Rick Jelliffe ricko at
Tue Dec 8 02:09:53 GMT 1998

 From: Chris Maden <crism at>

>[Chris von See]

>A UCS-2 file starts with the byte order mark (BOM), \xFEFF.  The
>ordering of the two bytes shows whether the document is big-endian or
>From 4.3.3:
>   Entities encoded in UTF-16 must begin with the Byte Order Mark
>   described by ISO/IEC 10646 Annex E and Unicode Appendix B (the ZERO
>   WIDTH NO-BREAK SPACE character, #xFEFF). This is an encoding
>   signature, not part of either the markup or the character data of the
>   XML document. XML processors must be able to use this character to
>   differentiate between UTF-8 and UTF-16 encoded documents.
>What's unsaid is that UCS-2 and UTF-16 are the same.

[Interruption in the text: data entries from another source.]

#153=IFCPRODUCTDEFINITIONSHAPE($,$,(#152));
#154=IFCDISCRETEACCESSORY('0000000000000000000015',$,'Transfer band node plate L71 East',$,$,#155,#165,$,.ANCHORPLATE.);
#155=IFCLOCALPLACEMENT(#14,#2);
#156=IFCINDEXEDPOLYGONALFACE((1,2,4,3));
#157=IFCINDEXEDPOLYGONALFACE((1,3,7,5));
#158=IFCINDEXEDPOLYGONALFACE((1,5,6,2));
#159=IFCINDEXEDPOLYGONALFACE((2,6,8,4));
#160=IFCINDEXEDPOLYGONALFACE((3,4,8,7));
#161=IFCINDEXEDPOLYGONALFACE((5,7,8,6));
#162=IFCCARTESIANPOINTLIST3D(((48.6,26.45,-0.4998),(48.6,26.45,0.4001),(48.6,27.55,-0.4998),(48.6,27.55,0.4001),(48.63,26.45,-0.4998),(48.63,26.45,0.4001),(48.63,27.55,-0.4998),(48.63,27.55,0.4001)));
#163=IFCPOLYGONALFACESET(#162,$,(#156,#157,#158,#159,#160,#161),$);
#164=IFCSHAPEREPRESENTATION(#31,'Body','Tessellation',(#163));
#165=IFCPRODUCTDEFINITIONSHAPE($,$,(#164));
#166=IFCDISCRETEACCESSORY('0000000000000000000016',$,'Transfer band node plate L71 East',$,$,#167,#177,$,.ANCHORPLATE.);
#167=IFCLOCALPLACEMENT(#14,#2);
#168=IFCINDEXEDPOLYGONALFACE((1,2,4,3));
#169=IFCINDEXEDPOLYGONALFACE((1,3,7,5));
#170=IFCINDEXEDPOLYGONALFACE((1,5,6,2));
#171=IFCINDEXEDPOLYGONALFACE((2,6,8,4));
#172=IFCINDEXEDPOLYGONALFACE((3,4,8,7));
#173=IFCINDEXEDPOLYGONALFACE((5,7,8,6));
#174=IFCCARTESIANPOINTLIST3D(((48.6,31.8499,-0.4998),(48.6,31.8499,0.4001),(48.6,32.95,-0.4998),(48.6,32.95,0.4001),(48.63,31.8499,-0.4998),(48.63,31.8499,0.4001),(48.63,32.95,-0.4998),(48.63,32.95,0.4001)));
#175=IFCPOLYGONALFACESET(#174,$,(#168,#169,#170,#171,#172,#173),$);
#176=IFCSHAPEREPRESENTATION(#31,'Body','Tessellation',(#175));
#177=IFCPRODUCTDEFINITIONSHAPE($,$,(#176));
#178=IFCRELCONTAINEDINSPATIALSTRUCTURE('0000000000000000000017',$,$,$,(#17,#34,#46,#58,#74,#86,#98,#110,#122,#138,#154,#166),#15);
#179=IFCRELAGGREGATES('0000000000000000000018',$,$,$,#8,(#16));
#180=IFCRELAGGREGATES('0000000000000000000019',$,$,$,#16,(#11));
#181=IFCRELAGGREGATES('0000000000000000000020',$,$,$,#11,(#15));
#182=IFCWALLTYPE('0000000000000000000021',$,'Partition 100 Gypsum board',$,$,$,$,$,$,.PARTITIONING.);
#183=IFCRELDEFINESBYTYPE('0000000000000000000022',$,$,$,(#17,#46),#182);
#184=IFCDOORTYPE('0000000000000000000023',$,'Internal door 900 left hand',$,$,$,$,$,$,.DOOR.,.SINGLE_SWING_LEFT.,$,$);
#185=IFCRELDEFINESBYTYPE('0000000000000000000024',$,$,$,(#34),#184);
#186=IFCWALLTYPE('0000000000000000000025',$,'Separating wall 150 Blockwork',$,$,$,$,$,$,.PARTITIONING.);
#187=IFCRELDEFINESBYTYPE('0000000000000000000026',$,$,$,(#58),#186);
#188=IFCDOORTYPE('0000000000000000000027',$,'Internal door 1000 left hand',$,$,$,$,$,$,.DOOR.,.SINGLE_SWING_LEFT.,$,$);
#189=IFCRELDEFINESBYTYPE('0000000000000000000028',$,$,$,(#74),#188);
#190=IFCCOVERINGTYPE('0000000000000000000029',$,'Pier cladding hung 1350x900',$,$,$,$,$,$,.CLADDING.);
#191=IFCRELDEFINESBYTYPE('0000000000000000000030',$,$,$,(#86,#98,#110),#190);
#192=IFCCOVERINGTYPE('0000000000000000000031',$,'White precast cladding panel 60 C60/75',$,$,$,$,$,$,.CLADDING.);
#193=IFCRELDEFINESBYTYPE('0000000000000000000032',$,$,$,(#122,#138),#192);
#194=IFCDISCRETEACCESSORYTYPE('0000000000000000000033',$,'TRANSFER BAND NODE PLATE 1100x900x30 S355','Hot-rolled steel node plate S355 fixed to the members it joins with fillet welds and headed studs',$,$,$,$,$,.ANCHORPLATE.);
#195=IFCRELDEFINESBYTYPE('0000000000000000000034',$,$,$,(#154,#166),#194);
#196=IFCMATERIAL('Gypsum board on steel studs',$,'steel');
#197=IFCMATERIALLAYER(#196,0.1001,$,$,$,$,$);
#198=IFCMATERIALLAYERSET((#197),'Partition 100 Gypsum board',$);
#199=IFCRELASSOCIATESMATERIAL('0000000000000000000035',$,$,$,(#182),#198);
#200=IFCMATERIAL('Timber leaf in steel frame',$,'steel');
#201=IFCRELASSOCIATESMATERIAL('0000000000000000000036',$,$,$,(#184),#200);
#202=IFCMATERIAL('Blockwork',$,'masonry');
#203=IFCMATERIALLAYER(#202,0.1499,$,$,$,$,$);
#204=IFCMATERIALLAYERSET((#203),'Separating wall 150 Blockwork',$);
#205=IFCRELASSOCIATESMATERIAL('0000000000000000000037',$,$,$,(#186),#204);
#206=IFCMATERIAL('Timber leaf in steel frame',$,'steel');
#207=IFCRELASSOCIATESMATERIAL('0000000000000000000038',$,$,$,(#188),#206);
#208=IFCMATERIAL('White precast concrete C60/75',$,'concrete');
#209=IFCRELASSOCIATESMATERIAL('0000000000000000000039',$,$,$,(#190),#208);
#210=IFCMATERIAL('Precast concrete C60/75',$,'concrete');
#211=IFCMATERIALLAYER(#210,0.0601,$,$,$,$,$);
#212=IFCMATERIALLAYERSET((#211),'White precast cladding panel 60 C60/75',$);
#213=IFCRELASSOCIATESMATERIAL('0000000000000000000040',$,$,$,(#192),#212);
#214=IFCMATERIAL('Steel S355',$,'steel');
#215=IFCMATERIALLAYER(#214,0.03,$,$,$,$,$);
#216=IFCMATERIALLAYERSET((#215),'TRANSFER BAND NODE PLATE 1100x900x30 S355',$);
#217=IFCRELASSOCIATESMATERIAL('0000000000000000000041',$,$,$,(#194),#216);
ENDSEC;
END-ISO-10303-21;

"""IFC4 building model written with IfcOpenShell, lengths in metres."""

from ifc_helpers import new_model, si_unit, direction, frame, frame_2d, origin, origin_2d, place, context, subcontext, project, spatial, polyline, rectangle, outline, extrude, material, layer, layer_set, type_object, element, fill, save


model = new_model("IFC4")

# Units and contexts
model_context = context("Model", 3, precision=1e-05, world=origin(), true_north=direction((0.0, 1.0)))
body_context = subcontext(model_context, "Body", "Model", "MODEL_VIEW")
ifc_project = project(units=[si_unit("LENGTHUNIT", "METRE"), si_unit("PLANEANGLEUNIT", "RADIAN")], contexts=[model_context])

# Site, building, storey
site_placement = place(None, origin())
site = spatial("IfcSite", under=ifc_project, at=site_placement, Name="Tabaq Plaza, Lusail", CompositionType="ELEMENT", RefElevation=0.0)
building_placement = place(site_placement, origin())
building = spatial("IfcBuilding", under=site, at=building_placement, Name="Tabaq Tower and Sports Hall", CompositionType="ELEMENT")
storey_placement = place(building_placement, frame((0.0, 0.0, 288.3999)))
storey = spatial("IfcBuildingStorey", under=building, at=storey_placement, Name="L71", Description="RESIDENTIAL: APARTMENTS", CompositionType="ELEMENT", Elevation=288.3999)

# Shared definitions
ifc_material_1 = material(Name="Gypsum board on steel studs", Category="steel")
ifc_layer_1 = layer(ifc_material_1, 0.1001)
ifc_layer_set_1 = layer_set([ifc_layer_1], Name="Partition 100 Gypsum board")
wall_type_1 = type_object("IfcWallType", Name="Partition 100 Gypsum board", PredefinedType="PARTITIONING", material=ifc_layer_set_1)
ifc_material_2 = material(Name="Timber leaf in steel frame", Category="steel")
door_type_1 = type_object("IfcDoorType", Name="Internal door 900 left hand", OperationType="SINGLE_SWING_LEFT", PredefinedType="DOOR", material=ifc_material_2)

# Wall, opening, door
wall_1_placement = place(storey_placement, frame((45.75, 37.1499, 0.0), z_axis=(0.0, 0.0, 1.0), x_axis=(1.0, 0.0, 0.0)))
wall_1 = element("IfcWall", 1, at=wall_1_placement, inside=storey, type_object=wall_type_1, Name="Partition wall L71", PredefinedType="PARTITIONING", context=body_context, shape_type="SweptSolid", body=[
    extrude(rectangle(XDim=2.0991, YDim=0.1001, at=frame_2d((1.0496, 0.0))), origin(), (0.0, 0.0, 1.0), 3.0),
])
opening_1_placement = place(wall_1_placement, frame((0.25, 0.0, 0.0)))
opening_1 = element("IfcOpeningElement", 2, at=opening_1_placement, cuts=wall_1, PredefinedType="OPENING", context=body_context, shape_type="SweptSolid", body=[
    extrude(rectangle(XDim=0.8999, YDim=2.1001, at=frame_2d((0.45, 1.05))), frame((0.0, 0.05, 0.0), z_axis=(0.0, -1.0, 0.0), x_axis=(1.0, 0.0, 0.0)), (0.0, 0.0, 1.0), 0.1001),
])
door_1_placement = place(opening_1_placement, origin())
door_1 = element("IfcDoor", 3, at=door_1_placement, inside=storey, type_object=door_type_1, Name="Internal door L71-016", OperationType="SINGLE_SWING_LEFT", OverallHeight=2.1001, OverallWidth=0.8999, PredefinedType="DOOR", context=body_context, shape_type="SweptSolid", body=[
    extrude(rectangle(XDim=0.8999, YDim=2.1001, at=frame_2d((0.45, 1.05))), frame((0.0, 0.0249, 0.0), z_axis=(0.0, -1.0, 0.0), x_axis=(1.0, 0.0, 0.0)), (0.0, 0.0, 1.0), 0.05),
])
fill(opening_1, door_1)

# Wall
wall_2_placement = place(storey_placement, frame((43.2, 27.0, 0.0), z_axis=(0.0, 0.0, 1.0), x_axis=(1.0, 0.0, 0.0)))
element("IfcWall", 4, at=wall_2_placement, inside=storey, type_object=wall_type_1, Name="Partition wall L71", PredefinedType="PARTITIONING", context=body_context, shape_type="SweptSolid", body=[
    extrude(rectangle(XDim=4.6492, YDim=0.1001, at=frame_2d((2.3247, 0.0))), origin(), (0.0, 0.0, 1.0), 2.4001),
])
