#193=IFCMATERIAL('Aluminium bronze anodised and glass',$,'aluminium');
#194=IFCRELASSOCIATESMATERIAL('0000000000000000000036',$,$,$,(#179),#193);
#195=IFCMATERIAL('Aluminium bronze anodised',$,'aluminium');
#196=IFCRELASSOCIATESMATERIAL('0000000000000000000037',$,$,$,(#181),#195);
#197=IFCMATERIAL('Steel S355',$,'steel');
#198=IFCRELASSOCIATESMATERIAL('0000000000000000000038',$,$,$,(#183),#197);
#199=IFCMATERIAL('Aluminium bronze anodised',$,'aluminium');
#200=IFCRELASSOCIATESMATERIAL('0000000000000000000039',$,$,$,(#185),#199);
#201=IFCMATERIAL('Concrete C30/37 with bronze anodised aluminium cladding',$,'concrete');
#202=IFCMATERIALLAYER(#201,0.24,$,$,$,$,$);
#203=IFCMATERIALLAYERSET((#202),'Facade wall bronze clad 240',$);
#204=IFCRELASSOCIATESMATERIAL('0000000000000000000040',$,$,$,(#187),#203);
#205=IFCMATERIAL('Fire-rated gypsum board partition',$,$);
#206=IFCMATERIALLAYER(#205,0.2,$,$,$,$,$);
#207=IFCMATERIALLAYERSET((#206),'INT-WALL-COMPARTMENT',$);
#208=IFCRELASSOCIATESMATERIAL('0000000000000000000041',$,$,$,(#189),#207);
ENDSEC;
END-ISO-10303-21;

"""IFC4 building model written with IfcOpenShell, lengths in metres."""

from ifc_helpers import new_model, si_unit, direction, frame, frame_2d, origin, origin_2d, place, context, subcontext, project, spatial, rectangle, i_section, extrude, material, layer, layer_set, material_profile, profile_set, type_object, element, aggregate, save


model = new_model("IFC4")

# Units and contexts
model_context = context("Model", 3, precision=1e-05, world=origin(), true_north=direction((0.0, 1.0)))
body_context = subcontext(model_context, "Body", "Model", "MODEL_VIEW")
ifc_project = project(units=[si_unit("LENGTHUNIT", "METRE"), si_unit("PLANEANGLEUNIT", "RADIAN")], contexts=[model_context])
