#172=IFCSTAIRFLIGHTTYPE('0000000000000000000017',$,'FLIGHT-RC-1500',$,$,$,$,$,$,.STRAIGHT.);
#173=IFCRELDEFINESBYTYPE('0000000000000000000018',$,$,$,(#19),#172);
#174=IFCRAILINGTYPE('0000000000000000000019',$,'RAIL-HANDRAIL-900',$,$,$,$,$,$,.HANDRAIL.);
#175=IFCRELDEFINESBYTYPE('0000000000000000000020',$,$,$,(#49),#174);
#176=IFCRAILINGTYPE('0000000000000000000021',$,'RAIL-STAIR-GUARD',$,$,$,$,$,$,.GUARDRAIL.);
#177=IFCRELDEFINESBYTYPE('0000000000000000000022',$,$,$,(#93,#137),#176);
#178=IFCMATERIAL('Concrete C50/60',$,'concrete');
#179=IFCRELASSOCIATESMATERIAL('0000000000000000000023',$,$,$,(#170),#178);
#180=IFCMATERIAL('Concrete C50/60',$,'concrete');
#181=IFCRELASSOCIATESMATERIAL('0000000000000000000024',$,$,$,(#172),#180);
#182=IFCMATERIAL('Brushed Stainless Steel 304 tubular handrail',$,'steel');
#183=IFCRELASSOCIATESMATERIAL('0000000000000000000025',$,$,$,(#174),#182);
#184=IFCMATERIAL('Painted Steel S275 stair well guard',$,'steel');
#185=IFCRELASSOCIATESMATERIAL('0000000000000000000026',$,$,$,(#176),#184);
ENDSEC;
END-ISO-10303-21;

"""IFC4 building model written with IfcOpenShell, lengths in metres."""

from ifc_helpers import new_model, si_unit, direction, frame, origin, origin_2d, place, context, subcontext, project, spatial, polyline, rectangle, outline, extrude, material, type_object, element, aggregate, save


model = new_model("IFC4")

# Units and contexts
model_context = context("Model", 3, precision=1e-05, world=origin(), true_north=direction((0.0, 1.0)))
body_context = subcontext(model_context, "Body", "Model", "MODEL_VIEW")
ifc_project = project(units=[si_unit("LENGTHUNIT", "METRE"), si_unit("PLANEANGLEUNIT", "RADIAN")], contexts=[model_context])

After the encoding signature (i.e., 8 bit|16 bit|32 bit and endianness)
has been detected
(e.g., from the BOM) and the code family (e.g., ASCII code-superset or
EBCDIC code-
superset) then the XML encoding header can be read. This can contain
usual header mechanism; the encoding attribute allows any IANA-registered
encoding name; you can explicitly specify
    "UTF-16"  (don't use "UNICODE-1-1" ),
    "ISO-10646-UCS-2", or

Actually, I cannot find UTF-16 in the IANA list at
I don't know which crack it has slipped down.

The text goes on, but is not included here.